George Milpurrurru (1934–1998) was an Australian Aboriginal artist known for his bark paintings.

Biography 
Milpurrurru was born in 1934 and raised in central Arnhem Land, specifically Ganalbingu land, where he learned his artistry. He came from a family of artists; he was the son of Dick Ngulmarrmar, who taught him the art of bark painting, and the sister of Dorothy Djukulul, also a highly respected bark painter. He is a part of the Gurrumba Gurrumba clan, which means “a flock of geese”. The traditions, styles, and surroundings of his clan provided much inspiration when it came to his bark paintings. Milpurrurru's daughter, Gladys Getjpulu, is also an artist.

He died in 1998.

Style 

As one of the Ramingining artists, Milpurrurru was inspired by the narratives of his home, branching out from the style taught by his father. For him the space used is juxtaposed between stark forefront and background solid spaces, creating dimension with bare bark. 

He individualised his work by adding innovative styles to the traditional styles and techniques of his clan such as combining the cross-hatching technique of Arnhem Land with the Eastern technique of depicting plain figures against black backgrounds. His most common theme amongst his paintings is the magpie geese.

Career
He started his career as an artist by selling his work in the 1970s to art dealer Dorothy Bennett. 

He was one of the first Indigenous artists to exhibit at the Biennale of Sydney in 1979. 

Along with Johnny Bonguwuy and David Malangi, Milpurrurru took part in the 1979 Sydney event, A European Dialogue, in which their art was first broadcast to a wider audience, the larger part of metropolitan Australia.

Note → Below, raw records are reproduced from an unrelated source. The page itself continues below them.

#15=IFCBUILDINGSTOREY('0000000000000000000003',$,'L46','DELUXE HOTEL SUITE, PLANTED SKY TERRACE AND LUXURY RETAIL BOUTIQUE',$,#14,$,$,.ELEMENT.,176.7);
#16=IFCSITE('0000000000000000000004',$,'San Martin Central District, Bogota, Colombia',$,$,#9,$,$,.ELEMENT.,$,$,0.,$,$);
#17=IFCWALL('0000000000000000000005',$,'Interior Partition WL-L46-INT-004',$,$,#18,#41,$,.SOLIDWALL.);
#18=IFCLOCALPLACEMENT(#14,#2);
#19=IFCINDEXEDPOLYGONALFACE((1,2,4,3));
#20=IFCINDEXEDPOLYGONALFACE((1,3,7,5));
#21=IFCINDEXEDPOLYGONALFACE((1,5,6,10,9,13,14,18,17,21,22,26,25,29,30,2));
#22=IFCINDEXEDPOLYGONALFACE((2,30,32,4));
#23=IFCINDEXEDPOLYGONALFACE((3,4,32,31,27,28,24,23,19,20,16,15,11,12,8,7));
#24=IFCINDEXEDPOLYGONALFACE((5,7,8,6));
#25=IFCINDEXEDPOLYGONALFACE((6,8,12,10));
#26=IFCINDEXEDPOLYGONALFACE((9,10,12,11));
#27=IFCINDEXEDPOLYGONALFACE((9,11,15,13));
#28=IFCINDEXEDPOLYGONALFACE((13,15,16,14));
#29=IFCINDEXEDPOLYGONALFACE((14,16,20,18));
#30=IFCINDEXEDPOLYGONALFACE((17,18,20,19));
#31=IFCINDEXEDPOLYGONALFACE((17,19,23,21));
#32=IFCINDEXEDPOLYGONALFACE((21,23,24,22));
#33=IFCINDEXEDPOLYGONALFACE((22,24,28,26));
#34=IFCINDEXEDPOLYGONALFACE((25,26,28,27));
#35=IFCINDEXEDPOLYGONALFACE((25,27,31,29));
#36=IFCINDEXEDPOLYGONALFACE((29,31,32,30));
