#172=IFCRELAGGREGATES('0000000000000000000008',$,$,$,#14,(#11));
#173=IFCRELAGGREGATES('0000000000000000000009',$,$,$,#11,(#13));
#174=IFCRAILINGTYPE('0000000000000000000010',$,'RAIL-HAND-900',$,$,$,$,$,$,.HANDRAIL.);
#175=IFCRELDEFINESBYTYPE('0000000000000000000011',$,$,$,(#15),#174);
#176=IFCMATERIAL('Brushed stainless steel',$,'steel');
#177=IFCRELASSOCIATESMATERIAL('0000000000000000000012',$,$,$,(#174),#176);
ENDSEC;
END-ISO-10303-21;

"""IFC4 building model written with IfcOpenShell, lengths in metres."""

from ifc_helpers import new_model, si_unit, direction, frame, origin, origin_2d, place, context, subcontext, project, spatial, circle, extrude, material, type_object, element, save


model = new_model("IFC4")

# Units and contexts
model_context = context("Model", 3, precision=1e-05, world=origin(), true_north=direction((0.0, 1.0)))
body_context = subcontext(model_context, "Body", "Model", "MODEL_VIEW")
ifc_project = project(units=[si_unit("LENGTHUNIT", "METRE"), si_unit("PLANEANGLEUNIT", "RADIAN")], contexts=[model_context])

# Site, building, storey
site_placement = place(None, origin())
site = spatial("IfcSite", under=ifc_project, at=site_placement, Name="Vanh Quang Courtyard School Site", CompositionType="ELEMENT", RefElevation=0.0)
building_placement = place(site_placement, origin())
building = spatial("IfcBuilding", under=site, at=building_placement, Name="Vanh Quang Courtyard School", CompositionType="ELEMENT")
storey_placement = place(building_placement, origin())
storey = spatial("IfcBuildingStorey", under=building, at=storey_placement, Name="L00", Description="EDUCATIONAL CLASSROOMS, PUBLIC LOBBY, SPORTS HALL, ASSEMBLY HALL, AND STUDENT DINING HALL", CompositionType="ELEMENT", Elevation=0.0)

In 1985, he showed his first solo exhibition at the Aboriginal Arts Australia Gallery in Sydney. Following his solo exhibition, he showed for a second time at the Biennale of Sydney. His work gained global recognition when he participated in several major international exhibitions, like Aratjara, touring Europe from 1993 to 1994.  Milpurrurru was also a senior contributing artist to the Aboriginal Memorial, and the first Aboriginal artist with a solo retrospective exhibition at the National Gallery of Australia in Canberra.

His work The Goose Egg Hunt (1983) is held by the National Gallery. In 1993 it was used by Australia Post on the 85c postage stamp, celebrate the  International Year for the World's Indigenous People.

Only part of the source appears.